Once we could no longer maneuver Denise's chair in the dark along the sidewalk and around the ancient trees that break through the pavement and hang toward the water, we came home and ate a late late dinner on the rear balcony, watching the lights of Monaco twinkle in the distance.  With one candle lit on the table, we sipped wine and listened to Denise tell us stories of the farm she lived in as a child.  Of washing clothes over the fire, of reading by kerosene lamps at night.  For entertainment, her step-mother played the piano in the evenings. She spoke fondly of the 'modern' house in Marseilles that they moved into after her father sold the farm/vineyard and how she remembers how excited she was by the bathroom with its running hot water. When Dennis would ask something that Denise could not remember she would say to him in her French accent, "I don't remember Denny, I didn't think to write it down". And when we spoke of how different life is now she said, “we did not know what we were missing or what we did not have. We didn’t miss electricity or running hot water or washing machines because we never knew of them. We were happy as we were”.  And as she spoke with the soft candle light flickering on her face, with her eyes cast back through to the years of her youth, I could see a glimpse of the young woman she must have been, smiling at her future, living in a simpler time before war came to the country and changed everything.

Monday, July 26, 2010

Ready, set...go





So here it is, the winding down of my trip to France. I have so many stories stored inside my tiny hummingbird brain, I thought this may be a good way to let some of them out. I hope I make you laugh in this effort. That is my only goal here.
Since I'm late in starting this, I don't think a daily diary method will be all that interesting to read so I will just
let my thoughts unfold and hopefully it makes for some interesting reading.

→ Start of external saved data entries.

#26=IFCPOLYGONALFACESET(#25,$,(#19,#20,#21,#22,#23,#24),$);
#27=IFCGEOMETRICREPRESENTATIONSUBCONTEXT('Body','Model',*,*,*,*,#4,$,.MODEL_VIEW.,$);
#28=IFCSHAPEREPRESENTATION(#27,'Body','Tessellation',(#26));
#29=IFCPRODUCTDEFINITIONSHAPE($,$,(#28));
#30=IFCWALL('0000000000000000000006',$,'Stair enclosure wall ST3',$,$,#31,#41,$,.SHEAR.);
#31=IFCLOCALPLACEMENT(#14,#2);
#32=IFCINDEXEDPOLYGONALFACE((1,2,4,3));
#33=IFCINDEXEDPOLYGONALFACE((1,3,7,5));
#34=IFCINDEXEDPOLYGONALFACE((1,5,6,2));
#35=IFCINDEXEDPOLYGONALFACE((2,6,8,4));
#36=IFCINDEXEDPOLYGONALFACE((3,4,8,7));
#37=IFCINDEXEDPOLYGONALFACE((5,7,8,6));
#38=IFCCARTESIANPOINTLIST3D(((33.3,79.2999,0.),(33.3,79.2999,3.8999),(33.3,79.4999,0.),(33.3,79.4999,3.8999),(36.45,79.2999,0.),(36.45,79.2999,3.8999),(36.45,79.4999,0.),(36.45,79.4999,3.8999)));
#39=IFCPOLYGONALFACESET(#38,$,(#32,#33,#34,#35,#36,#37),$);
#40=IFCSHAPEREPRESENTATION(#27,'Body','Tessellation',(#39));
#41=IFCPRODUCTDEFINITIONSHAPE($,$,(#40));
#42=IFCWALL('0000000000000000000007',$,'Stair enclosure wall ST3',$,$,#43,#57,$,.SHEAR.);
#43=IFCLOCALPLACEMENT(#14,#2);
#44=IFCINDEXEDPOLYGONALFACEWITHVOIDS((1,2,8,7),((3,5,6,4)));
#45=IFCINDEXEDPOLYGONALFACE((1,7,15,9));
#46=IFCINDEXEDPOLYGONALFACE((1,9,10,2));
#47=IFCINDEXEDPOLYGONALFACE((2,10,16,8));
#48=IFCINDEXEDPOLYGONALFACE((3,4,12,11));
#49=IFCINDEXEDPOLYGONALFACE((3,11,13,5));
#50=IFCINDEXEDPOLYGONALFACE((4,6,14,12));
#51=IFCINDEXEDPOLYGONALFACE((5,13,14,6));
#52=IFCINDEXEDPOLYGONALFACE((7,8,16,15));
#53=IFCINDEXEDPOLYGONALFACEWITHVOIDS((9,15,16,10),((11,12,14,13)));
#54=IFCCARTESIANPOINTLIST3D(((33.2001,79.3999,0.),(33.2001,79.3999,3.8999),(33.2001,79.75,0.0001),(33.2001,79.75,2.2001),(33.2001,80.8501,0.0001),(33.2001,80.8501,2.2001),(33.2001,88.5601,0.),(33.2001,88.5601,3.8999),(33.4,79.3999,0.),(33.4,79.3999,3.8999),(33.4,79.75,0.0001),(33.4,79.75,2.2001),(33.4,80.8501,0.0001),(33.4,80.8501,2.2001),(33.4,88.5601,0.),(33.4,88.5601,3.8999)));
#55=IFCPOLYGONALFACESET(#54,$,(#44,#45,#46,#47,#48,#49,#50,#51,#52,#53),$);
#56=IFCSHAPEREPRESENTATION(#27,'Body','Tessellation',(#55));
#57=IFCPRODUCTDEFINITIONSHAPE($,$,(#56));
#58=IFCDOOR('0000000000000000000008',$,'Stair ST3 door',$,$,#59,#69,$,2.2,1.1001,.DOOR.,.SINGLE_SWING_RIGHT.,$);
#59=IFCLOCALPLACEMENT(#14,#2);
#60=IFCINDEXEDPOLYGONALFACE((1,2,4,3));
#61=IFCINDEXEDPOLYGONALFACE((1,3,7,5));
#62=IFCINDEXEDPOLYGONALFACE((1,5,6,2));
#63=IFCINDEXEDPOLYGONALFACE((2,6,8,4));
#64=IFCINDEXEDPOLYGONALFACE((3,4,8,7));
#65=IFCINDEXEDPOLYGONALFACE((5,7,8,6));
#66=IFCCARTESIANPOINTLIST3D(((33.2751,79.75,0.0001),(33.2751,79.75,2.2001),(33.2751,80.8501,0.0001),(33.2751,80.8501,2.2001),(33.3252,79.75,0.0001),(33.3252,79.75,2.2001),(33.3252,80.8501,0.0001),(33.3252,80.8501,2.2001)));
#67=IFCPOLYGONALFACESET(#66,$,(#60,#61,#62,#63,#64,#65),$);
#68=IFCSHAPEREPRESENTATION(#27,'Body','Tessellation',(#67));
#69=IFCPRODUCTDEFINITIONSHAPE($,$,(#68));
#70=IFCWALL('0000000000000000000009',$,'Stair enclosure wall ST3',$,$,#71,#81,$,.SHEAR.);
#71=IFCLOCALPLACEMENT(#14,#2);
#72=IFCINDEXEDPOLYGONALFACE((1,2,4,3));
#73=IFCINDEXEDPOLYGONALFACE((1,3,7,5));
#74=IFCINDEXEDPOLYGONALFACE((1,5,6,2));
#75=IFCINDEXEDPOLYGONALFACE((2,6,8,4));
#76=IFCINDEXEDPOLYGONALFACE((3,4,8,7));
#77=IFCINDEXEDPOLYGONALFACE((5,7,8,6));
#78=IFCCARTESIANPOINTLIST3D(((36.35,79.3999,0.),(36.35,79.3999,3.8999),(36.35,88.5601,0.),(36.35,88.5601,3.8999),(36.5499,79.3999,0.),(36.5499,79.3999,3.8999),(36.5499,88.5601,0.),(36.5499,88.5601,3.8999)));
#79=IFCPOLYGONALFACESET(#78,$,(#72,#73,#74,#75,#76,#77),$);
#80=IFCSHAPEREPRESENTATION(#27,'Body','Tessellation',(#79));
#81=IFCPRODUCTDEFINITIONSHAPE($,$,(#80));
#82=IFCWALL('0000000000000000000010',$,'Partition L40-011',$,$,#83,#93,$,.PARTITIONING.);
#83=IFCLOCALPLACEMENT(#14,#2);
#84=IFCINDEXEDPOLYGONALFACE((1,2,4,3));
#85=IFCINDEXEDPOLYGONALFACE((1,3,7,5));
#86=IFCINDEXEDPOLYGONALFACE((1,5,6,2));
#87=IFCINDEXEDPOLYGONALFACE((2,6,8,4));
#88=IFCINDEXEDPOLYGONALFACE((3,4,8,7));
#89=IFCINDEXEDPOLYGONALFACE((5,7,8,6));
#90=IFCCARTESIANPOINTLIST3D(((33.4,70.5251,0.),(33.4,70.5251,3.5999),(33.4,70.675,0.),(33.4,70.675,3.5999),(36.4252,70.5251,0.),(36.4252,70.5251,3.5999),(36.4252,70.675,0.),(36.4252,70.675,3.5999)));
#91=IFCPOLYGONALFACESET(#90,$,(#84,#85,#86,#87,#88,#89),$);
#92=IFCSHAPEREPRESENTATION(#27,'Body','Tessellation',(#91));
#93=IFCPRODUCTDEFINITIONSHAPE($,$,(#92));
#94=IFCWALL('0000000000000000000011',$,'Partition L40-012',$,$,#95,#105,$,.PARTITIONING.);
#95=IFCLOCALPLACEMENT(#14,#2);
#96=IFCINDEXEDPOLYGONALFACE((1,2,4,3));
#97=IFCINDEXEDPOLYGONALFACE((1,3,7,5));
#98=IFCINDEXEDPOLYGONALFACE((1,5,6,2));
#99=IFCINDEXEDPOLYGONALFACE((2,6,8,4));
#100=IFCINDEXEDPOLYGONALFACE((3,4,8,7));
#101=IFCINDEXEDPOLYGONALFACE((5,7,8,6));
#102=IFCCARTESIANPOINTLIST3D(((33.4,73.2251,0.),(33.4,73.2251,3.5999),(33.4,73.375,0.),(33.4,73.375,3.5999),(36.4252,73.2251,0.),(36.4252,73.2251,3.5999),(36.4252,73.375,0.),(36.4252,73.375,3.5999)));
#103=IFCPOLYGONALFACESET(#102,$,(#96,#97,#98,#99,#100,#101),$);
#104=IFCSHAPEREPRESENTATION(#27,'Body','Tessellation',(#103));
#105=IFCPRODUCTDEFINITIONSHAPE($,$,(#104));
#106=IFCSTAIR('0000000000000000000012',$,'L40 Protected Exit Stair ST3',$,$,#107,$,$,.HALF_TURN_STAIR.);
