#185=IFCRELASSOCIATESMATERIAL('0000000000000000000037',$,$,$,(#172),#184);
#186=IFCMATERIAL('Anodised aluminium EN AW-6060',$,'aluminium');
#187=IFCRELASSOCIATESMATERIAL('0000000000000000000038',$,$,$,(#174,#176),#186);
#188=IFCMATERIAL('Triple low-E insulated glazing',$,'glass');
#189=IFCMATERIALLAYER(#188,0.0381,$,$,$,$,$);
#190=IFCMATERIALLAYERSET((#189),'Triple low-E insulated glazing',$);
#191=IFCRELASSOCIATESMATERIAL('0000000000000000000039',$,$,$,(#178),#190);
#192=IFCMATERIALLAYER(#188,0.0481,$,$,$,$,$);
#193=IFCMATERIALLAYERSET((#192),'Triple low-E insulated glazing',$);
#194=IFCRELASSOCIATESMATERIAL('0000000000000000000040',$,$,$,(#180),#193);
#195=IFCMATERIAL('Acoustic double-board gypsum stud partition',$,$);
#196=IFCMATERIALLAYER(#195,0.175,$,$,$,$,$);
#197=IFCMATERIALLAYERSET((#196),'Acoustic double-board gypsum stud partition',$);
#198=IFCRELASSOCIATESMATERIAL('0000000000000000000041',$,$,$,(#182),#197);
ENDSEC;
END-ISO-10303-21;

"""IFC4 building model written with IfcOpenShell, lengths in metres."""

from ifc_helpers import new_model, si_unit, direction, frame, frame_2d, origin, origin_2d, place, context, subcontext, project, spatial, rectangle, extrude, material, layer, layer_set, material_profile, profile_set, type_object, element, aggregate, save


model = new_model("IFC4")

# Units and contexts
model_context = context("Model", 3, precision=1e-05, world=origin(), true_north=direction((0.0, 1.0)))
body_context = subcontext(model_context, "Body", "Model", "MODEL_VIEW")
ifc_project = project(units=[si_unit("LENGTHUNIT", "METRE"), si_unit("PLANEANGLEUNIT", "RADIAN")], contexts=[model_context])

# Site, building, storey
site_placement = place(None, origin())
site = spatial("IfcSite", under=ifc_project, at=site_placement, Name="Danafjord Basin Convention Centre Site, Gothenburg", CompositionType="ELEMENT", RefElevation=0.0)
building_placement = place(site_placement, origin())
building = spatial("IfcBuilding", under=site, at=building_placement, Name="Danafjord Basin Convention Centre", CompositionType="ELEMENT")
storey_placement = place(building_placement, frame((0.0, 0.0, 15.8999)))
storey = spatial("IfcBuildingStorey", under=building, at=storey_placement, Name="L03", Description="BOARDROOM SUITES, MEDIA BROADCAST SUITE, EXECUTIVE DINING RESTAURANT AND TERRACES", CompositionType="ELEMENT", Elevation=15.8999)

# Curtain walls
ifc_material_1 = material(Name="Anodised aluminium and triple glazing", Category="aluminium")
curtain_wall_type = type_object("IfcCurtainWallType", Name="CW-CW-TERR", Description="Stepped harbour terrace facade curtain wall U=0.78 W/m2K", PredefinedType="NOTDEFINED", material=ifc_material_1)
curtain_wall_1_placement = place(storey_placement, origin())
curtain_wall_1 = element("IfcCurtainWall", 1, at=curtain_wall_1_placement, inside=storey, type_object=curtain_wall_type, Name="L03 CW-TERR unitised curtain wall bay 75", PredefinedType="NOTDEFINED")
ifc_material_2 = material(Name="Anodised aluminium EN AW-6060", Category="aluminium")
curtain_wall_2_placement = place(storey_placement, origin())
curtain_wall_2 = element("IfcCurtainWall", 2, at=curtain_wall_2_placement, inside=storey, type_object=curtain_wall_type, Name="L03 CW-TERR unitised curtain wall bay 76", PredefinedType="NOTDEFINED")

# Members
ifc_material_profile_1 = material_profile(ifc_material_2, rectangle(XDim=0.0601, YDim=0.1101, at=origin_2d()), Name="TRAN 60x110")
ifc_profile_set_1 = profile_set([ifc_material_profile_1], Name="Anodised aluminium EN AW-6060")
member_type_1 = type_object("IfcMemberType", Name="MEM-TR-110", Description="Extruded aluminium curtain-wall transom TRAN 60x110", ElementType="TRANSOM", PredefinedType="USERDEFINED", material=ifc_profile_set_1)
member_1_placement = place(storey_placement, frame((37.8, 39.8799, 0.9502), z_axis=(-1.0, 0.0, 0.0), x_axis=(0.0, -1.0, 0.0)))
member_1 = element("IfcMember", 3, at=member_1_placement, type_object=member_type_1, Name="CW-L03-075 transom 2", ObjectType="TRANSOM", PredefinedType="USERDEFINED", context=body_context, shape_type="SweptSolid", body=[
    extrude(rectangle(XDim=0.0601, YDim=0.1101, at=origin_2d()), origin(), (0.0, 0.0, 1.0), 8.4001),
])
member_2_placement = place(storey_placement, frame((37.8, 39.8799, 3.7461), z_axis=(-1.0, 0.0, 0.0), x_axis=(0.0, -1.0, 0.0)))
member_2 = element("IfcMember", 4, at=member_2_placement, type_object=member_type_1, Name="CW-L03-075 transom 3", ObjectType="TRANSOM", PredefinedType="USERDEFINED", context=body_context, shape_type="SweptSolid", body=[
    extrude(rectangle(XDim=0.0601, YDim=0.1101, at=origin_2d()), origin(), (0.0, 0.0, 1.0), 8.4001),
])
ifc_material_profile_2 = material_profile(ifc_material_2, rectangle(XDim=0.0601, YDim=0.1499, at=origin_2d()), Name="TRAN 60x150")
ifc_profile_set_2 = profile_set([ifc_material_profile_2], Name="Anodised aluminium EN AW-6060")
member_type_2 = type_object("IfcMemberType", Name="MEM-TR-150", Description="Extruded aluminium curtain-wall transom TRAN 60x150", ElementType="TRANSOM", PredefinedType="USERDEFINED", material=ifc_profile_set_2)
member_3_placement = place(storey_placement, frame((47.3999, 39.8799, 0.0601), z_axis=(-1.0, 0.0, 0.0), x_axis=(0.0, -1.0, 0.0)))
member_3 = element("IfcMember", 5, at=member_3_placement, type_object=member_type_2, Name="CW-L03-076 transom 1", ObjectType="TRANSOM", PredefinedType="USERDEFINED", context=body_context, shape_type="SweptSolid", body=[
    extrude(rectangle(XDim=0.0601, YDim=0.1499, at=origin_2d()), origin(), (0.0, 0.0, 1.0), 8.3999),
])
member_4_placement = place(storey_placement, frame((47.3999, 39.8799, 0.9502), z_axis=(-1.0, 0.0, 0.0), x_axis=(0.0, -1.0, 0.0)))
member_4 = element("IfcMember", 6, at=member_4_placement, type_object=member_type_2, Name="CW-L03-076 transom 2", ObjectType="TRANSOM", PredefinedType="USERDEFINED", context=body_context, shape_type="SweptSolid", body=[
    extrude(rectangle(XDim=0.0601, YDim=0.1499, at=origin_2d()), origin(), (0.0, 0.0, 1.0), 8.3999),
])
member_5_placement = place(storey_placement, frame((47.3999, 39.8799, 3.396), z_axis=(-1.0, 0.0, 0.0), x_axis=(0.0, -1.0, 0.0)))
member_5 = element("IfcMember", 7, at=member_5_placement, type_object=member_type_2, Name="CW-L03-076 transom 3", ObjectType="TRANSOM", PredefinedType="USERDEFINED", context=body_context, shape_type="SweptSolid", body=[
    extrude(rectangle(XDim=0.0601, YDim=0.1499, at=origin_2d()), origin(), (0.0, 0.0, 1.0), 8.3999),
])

We have had a merciless heat wave in the first few weeks of our visit here to Roquebrune Cap Martin, France. The kind of heat that makes locusts cry. So today is a heavenly 70 degrees with minimal humidity and cloud cover. This is why I agreed to return to Death Mountain with Dennis. In
our first week here he took me walking
up to visit The Chateau. He assured me that it was a mere 30 minute walk, that took one gradually uphill......


Lies, all lies.
It was 100 degrees, 100% humid and full high noon sun. Thus returning to Death Mountain was not even making the top 50 of my list for the rest of our visit here. However, I fell in love with a tiny handcrafted
baby owl in a ceramics shop and Dennis and I had no cash on our first death march to the summit. So return we must. Of course, my new husband assured me that we would return in a car. Lies, all lies.
Today dawned cool and cloudy so my prince turned to me and said, "want to go buy that owl?" And I fell for it.... Oh yes I did. So climb we did and I have to say, knowing what was going to happen did make it easier. I didn't bring a potato or shovel and I survived to tell the tale. It really is lovely there, with a thousand year old olive tree and views of the entire beautiful area coastline.

Such an amazing view.
After locating said owl and having it wrapped by the designer himself, we wandered out, up and through the tiny streets and staircases that go in every which direction.

Every way you turn there is a set of stone steps going up or down, a shop to discover, a random cat that needs some attention and a beautiful view to drink in.

This time we stopped at a tiny restaurant nestled along those stone streets and steps, had a glass of white wine and shared some wonderful crustless quiche. Poor Dennis, I think I ate more than my share. I can't be serious around good food.

Then we climbed back down the mountainside. Not a bad morning after all.